Hal graduated from Haverford College and then from Johns Hopkins School of Medicine in 1916. He interned at the Massachusetts General Hospital, followed by a residency at Boston City Hospital and a postwar residency at Johns Hopkins, where he rose to associate professor. World War II brought a second round of military service during which he served as consultant to the Southwest Pacific Theater, emerging with the rank of colonel and the Legion of Merit. Thomas practiced internal medicine in Baltimore and was the author of 57 publications, with a special interest in diseases of the thyroid and the pathophysiology of the heart and circulatory system in thyrotoxicosis. He served as president of the American Clinical and Climatological Association and of the Johns Hopkins Medical and Surgical Association (7, 19).

Hal's wife, Caroline Bedell Thomas, MD, received her medical degree from Johns Hopkins and did postgraduate fellowships at Harvard and Hopkins (Figure 3). She embarked upon a distinguished career as a cardiologist/epidemiologist, researcher, and educator at her alma mater, focusing her attention on hypertension and a pioneering study using sulfa drugs in the prevention of streptococcal infections and acute rheumatic fever. Caroline launched the Johns Hopkins Precursors Study, an important long-term (1948–1964) prospective study of disease risk factors and health outcomes, to determine precursors of hypertension and coronary heart disease among medical students. She was one of the first women to be elected to the Association of American Physicians (2022).

When Osler left Hopkins to assume the Regius Professorship at Oxford, he distributed some of his possessions to the “latch-keyers,” a group of young doctors who had keys to his Franklin Street home and the use of his library (23). The ornate wooden chair that Osler often used in his office went to Henry M. Thomas Sr. and then passed to his son Hal and then to Hal's wife, Caroline, who bequeathed the chair to Hopkins. Her son Henry (“Harry”) M. Thomas III, MD (1936–), a retired internist/pulmonologist and Johns Hopkins graduate, revealed:

The chair was greatly valued in the family. … My mother felt that she and the Precursors Study were quintessentially Hopkins, in the tradition of Osler, and proudly kept the Osler chair in the study offices. In 1984, at age 79, she willed the chair to the Medical Archives, to be displayed in the Precursors Study library, and her will took effect at her death in 1997 (24, 25).

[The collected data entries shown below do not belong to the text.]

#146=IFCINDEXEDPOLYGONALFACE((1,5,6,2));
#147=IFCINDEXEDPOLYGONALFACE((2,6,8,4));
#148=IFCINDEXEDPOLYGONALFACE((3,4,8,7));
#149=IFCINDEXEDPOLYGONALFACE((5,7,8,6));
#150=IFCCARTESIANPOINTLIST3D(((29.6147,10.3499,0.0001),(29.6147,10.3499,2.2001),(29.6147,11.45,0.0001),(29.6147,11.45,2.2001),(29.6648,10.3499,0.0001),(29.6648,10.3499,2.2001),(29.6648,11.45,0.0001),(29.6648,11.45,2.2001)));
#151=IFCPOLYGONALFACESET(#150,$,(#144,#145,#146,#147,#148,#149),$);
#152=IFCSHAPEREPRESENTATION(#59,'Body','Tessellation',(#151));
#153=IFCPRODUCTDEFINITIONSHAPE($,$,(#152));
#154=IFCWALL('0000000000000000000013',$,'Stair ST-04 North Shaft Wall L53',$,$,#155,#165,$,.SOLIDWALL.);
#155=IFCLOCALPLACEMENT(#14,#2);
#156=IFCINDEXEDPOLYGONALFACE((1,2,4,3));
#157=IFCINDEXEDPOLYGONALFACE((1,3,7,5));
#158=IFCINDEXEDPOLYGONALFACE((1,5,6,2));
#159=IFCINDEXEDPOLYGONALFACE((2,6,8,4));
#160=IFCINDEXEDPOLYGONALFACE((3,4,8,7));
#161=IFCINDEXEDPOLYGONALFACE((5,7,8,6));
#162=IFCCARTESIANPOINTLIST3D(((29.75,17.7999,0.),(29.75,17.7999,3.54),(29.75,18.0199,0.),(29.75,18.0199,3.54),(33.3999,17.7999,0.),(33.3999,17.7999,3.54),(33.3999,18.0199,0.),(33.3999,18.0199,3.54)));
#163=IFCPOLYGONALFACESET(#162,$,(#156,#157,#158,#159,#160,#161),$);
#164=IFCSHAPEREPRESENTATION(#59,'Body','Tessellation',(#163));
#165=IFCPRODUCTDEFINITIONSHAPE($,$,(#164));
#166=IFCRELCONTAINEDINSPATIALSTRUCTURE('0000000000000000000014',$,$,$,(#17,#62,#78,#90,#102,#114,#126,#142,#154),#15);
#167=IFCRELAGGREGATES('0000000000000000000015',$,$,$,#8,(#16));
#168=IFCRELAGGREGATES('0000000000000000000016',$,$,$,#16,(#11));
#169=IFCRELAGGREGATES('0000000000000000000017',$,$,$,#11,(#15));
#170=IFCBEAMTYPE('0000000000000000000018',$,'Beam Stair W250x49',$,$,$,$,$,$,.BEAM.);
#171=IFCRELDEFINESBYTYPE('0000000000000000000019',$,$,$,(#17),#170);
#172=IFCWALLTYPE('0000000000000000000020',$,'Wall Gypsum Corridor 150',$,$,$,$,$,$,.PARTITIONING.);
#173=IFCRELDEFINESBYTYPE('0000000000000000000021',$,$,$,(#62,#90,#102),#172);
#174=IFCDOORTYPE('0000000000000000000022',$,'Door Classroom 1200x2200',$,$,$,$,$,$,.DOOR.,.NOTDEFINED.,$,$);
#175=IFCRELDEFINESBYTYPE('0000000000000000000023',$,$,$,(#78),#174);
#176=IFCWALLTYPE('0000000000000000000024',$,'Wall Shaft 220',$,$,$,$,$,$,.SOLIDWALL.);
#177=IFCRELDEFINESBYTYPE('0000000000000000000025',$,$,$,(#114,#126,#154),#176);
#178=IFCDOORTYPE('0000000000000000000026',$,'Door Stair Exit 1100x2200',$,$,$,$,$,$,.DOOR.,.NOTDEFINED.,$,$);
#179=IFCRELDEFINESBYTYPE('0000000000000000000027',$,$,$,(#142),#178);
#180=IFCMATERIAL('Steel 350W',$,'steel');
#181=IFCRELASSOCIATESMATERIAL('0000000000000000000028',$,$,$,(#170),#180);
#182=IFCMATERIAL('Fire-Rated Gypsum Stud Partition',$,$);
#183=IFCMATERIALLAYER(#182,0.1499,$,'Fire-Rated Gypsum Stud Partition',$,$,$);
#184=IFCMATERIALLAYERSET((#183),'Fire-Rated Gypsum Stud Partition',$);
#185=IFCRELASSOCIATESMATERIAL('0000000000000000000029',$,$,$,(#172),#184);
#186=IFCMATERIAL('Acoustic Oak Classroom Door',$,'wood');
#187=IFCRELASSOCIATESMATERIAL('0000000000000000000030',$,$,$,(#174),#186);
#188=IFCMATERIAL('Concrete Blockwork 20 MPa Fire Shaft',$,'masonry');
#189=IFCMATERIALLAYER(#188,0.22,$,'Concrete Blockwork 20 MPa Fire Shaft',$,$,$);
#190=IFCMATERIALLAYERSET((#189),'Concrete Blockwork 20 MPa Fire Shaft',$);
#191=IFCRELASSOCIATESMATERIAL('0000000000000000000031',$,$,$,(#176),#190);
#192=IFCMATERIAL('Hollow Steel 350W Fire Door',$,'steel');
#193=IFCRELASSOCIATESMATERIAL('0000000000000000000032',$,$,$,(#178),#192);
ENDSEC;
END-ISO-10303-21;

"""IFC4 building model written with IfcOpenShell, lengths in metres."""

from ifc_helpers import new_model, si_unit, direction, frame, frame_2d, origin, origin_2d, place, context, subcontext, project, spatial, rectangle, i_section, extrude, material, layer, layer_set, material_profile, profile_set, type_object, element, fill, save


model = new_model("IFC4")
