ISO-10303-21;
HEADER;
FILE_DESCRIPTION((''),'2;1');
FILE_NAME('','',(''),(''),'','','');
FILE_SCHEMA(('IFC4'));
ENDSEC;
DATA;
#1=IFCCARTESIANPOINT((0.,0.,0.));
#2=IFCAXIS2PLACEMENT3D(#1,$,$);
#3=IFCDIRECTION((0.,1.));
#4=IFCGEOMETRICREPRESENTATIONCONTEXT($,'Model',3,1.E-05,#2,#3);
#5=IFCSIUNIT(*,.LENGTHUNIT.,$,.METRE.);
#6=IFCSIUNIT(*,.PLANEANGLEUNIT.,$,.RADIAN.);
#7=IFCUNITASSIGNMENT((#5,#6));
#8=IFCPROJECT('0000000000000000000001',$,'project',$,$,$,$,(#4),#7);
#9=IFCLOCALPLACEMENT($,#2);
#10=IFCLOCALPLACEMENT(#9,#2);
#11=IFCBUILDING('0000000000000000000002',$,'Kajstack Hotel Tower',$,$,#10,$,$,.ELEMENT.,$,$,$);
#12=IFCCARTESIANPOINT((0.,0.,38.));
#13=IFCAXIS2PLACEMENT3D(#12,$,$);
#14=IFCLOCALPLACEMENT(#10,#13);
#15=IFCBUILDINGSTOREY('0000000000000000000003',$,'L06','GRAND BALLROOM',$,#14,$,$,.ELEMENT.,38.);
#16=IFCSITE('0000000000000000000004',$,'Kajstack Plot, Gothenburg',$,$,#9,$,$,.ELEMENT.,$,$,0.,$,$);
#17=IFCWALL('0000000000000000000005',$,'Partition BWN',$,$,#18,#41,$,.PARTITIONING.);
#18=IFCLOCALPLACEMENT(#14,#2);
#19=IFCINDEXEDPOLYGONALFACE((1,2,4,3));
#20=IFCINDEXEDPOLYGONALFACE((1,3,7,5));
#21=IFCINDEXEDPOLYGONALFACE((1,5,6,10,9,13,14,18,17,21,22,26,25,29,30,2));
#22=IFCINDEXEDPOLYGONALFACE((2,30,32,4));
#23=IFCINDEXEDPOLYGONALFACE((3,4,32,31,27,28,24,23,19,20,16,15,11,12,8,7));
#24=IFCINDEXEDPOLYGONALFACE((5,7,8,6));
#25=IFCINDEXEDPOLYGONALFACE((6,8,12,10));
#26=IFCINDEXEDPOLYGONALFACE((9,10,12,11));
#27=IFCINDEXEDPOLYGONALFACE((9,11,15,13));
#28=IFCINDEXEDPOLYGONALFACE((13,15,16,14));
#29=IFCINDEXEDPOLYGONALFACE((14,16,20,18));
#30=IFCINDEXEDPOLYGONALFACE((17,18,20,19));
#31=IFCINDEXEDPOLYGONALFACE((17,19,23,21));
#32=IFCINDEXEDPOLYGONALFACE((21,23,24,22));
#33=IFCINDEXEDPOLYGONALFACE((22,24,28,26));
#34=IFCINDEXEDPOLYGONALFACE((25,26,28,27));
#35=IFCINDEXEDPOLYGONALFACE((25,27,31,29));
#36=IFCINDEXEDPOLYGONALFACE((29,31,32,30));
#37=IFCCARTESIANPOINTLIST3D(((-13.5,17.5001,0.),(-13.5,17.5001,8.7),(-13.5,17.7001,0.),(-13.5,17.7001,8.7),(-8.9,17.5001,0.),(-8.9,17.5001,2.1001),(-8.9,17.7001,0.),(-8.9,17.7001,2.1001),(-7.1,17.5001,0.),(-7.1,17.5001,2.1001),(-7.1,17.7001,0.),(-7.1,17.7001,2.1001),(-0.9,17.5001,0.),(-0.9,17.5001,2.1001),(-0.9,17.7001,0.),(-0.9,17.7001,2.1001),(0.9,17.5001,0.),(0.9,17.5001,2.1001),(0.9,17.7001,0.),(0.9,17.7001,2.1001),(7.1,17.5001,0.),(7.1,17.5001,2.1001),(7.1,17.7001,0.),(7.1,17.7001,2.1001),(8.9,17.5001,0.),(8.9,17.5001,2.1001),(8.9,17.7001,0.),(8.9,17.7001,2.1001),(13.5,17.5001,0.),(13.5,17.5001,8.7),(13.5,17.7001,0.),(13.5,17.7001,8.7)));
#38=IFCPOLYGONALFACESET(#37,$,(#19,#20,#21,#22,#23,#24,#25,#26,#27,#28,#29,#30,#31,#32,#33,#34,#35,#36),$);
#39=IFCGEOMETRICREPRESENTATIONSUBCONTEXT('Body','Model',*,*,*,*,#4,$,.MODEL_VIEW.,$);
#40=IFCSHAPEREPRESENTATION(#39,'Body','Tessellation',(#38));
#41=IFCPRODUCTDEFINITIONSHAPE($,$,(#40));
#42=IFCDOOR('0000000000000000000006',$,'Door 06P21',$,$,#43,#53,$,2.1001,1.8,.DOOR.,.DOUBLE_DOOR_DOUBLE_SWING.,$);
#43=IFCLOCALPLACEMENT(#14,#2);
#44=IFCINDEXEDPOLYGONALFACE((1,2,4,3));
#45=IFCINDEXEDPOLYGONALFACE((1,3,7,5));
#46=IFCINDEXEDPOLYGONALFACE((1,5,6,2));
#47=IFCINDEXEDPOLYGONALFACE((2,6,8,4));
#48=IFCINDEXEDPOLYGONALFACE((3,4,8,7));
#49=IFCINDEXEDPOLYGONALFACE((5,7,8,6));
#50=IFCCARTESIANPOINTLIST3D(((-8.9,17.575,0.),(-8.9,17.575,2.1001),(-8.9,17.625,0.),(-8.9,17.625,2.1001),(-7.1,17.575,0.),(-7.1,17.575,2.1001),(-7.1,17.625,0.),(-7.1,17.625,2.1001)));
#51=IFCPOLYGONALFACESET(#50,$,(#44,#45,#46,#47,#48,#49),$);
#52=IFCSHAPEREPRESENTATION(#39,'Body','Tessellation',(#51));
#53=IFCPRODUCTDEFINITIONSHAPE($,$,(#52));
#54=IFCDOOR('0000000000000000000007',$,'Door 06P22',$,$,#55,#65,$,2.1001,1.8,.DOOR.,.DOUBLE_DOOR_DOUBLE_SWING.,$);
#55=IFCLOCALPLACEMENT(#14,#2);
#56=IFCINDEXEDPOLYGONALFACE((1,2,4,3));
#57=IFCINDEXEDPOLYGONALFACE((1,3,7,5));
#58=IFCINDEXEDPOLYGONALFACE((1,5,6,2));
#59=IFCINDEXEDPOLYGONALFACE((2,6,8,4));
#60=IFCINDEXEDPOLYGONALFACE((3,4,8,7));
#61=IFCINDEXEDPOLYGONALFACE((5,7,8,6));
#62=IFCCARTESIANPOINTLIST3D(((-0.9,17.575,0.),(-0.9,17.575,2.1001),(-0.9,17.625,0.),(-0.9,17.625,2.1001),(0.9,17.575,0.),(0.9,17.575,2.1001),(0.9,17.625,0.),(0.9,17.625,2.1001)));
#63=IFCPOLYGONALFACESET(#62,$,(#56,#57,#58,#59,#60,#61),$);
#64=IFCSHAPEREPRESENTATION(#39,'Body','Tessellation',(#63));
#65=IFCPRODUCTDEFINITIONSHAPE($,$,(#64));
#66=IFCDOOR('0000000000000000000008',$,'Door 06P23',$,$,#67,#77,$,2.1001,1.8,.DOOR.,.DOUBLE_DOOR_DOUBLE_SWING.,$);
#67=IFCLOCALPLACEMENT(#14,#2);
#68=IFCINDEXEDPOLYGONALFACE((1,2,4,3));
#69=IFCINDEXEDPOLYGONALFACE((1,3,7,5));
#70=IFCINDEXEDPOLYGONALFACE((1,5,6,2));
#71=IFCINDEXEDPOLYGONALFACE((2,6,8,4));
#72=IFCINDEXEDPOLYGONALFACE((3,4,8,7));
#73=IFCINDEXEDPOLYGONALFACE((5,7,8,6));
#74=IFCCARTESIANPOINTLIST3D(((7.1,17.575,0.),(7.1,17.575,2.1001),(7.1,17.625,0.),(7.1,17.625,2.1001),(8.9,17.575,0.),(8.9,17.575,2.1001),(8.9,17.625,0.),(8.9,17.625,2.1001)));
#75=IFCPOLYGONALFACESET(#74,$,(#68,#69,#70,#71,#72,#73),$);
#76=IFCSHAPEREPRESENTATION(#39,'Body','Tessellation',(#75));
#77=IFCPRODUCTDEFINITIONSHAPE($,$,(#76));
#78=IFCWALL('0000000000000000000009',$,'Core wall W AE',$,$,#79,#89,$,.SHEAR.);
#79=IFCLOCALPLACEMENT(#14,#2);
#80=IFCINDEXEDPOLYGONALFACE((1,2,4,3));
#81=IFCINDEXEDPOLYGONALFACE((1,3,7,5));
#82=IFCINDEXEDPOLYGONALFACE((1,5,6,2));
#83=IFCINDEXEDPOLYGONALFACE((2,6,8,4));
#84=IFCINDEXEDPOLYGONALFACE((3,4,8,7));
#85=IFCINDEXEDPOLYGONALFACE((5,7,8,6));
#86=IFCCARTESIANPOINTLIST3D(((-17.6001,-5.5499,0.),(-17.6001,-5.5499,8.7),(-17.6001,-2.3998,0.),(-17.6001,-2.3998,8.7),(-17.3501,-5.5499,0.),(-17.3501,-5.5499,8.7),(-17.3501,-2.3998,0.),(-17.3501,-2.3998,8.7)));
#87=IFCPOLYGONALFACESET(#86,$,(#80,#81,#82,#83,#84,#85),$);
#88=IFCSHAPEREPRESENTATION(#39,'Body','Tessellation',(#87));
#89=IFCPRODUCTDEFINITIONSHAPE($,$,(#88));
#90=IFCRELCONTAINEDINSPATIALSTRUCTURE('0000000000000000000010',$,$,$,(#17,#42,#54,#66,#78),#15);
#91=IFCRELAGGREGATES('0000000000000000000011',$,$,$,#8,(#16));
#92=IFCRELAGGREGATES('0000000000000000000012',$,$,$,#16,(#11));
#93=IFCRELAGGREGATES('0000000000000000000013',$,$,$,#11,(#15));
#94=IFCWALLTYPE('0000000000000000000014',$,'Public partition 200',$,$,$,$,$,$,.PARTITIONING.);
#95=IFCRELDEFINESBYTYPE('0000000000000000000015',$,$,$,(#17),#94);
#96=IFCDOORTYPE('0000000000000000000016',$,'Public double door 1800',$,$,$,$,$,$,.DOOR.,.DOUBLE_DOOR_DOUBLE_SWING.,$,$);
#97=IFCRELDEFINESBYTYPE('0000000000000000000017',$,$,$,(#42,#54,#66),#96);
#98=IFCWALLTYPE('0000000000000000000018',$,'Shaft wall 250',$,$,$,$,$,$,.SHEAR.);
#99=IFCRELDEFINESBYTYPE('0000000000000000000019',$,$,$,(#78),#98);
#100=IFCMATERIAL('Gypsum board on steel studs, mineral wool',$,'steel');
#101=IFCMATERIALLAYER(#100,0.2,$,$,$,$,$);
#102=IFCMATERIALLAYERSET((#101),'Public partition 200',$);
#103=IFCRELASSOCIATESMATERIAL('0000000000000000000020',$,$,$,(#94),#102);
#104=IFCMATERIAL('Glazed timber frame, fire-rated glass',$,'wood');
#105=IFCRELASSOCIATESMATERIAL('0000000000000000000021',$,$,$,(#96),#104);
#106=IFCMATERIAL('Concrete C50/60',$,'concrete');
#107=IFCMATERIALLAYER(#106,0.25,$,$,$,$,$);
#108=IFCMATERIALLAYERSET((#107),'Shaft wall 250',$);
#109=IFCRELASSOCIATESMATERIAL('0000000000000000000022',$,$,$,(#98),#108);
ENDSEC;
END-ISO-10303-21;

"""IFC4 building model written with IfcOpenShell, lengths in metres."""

from ifc_helpers import new_model, si_unit, direction, frame, frame_2d, origin, place, context, subcontext, project, spatial, rectangle, extrude, material, layer, layer_set, type_object, element, fill, save


model = new_model("IFC4")

# Units and contexts
model_context = context("Model", 3, precision=1e-05, world=origin(), true_north=direction((0.0, 1.0)))
body_context = subcontext(model_context, "Body", "Model", "MODEL_VIEW")
ifc_project = project(units=[si_unit("LENGTHUNIT", "METRE"), si_unit("PLANEANGLEUNIT", "RADIAN")], contexts=[model_context])

# Site, building, storey
site_placement = place(None, origin())
site = spatial("IfcSite", under=ifc_project, at=site_placement, Name="Kajstack Plot, Gothenburg", CompositionType="ELEMENT", RefElevation=0.0)
building_placement = place(site_placement, origin())
building = spatial("IfcBuilding", under=site, at=building_placement, Name="Kajstack Hotel Tower", CompositionType="ELEMENT")
storey_placement = place(building_placement, frame((0.0, 0.0, 38.0)))
storey = spatial("IfcBuildingStorey", under=building, at=storey_placement, Name="L06", Description="GRAND BALLROOM", CompositionType="ELEMENT", Elevation=38.0)

# Shared definitions
ifc_material_1 = material(Name="Concrete C50/60", Category="concrete")
ifc_material_2 = material(Name="Gypsum board on steel studs, mineral wool", Category="steel")
ifc_layer_1 = layer(ifc_material_2, 0.2)
ifc_layer_set_1 = layer_set([ifc_layer_1], Name="Public partition 200")
wall_type_1 = type_object("IfcWallType", Name="Public partition 200", PredefinedType="PARTITIONING", material=ifc_layer_set_1)

# Wall, openings, doors
wall_1_placement = place(storey_placement, frame((-13.5, 17.6001, 0.0), z_axis=(0.0, 0.0, 1.0), x_axis=(1.0, 0.0, 0.0)))
wall_1 = element("IfcWall", 1, at=wall_1_placement, inside=storey, type_object=wall_type_1, Name="Partition BWN", PredefinedType="PARTITIONING", context=body_context, shape_type="SweptSolid", body=[
    extrude(rectangle(XDim=27.0, YDim=0.2, at=frame_2d((13.5, 0.0))), origin(), (0.0, 0.0, 1.0), 8.7),
])
opening_1_placement = place(wall_1_placement, frame((4.6001, 0.0, 0.0)))
opening_1 = element("IfcOpeningElement", 2, at=opening_1_placement, cuts=wall_1, PredefinedType="OPENING", context=body_context, shape_type="SweptSolid", body=[
    extrude(rectangle(XDim=1.8, YDim=2.1001, at=frame_2d((0.8999, 1.05))), frame((0.0, 0.1099, 0.0), z_axis=(0.0, -1.0, 0.0), x_axis=(1.0, 0.0, 0.0)), (0.0, 0.0, 1.0), 0.22),
])
opening_2_placement = place(wall_1_placement, frame((12.6001, 0.0, 0.0)))
opening_2 = element("IfcOpeningElement", 3, at=opening_2_placement, cuts=wall_1, PredefinedType="OPENING", context=body_context, shape_type="SweptSolid", body=[
    extrude(rectangle(XDim=1.8, YDim=2.1001, at=frame_2d((0.8999, 1.05))), frame((0.0, 0.1099, 0.0), z_axis=(0.0, -1.0, 0.0), x_axis=(1.0, 0.0, 0.0)), (0.0, 0.0, 1.0), 0.22),
])
opening_3_placement = place(wall_1_placement, frame((20.6001, 0.0, 0.0)))
opening_3 = element("IfcOpeningElement", 4, at=opening_3_placement, cuts=wall_1, PredefinedType="OPENING", context=body_context, shape_type="SweptSolid", body=[
    extrude(rectangle(XDim=1.8, YDim=2.1001, at=frame_2d((0.8999, 1.05))), frame((0.0, 0.1099, 0.0), z_axis=(0.0, -1.0, 0.0), x_axis=(1.0, 0.0, 0.0)), (0.0, 0.0, 1.0), 0.22),
])
ifc_material_3 = material(Name="Glazed timber frame, fire-rated glass", Category="wood")
door_type = type_object("IfcDoorType", Name="Public double door 1800", OperationType="DOUBLE_DOOR_DOUBLE_SWING", PredefinedType="DOOR", material=ifc_material_3)
door_1_placement = place(opening_1_placement, origin())
door_1 = element("IfcDoor", 5, at=door_1_placement, inside=storey, type_object=door_type, Name="Door 06P21", OperationType="DOUBLE_DOOR_DOUBLE_SWING", OverallHeight=2.1001, OverallWidth=1.8, PredefinedType="DOOR", context=body_context, shape_type="SweptSolid", body=[
    extrude(rectangle(XDim=1.8, YDim=2.1001, at=frame_2d((0.8999, 1.05))), frame((0.0, 0.0249, 0.0), z_axis=(0.0, -1.0, 0.0), x_axis=(1.0, 0.0, 0.0)), (0.0, 0.0, 1.0), 0.05),
])
fill(opening_1, door_1)
door_2_placement = place(opening_2_placement, origin())
door_2 = element("IfcDoor", 6, at=door_2_placement, inside=storey, type_object=door_type, Name="Door 06P22", OperationType="DOUBLE_DOOR_DOUBLE_SWING", OverallHeight=2.1001, OverallWidth=1.8, PredefinedType="DOOR", context=body_context, shape_type="SweptSolid", body=[
    extrude(rectangle(XDim=1.8, YDim=2.1001, at=frame_2d((0.8999, 1.05))), frame((0.0, 0.0249, 0.0), z_axis=(0.0, -1.0, 0.0), x_axis=(1.0, 0.0, 0.0)), (0.0, 0.0, 1.0), 0.05),
])
fill(opening_2, door_2)
door_3_placement = place(opening_3_placement, origin())
door_3 = element("IfcDoor", 7, at=door_3_placement, inside=storey, type_object=door_type, Name="Door 06P23", OperationType="DOUBLE_DOOR_DOUBLE_SWING", OverallHeight=2.1001, OverallWidth=1.8, PredefinedType="DOOR", context=body_context, shape_type="SweptSolid", body=[
    extrude(rectangle(XDim=1.8, YDim=2.1001, at=frame_2d((0.8999, 1.05))), frame((0.0, 0.0249, 0.0), z_axis=(0.0, -1.0, 0.0), x_axis=(1.0, 0.0, 0.0)), (0.0, 0.0, 1.0), 0.05),
])
fill(opening_3, door_3)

Osler's desk (at which he wrote The Principles and Practice of Medicine) had originally been given to Dr. Julius Friedenwald (1866–1941), distinguished University of Maryland gastroenterologist, who bequeathed it to Johns Hopkins. In 2005 this companion office chair was reunited with Osler's desk in the Osler Textbook Room beneath the dome at the Johns Hopkins Hospital—a centennial journey that Henry M. Thomas III believes should be used to “solidify the memory of a remarkable man who embodied the hospital and the medical school” (20, 2426).

JAMES W. CAREY THOMAS (1833–1897)

James W. Carey Thomas (the grandfather of “Hal”) was a graduate of Haverford College, Pennsylvania, and the University of Maryland School of Medicine. He was a member of the first board of trustees of the Johns Hopkins University and Bryn Mawr College and served on the medical board of the Johns Hopkins Hospital. James was a consulting physician to the Johns Hopkins Hospital, lecturer in hygiene at the Woman's Medical College of Baltimore, and president of the Clinical Society of Maryland (7, 12, 27). Writing to Henry M. Thomas Sr., Osler lamented:

I wish you had said something of your father & all the good work that he did. We do not half realize (& I know it has never been sufficiently acknowledged)—what spade work he did in those early days (28).

In an address to the medical and chirurgical faculty of Maryland, Osler echoed these sentiments, declaring “that it is the sign of a dry age when the great men of the past are held in light esteem” (29).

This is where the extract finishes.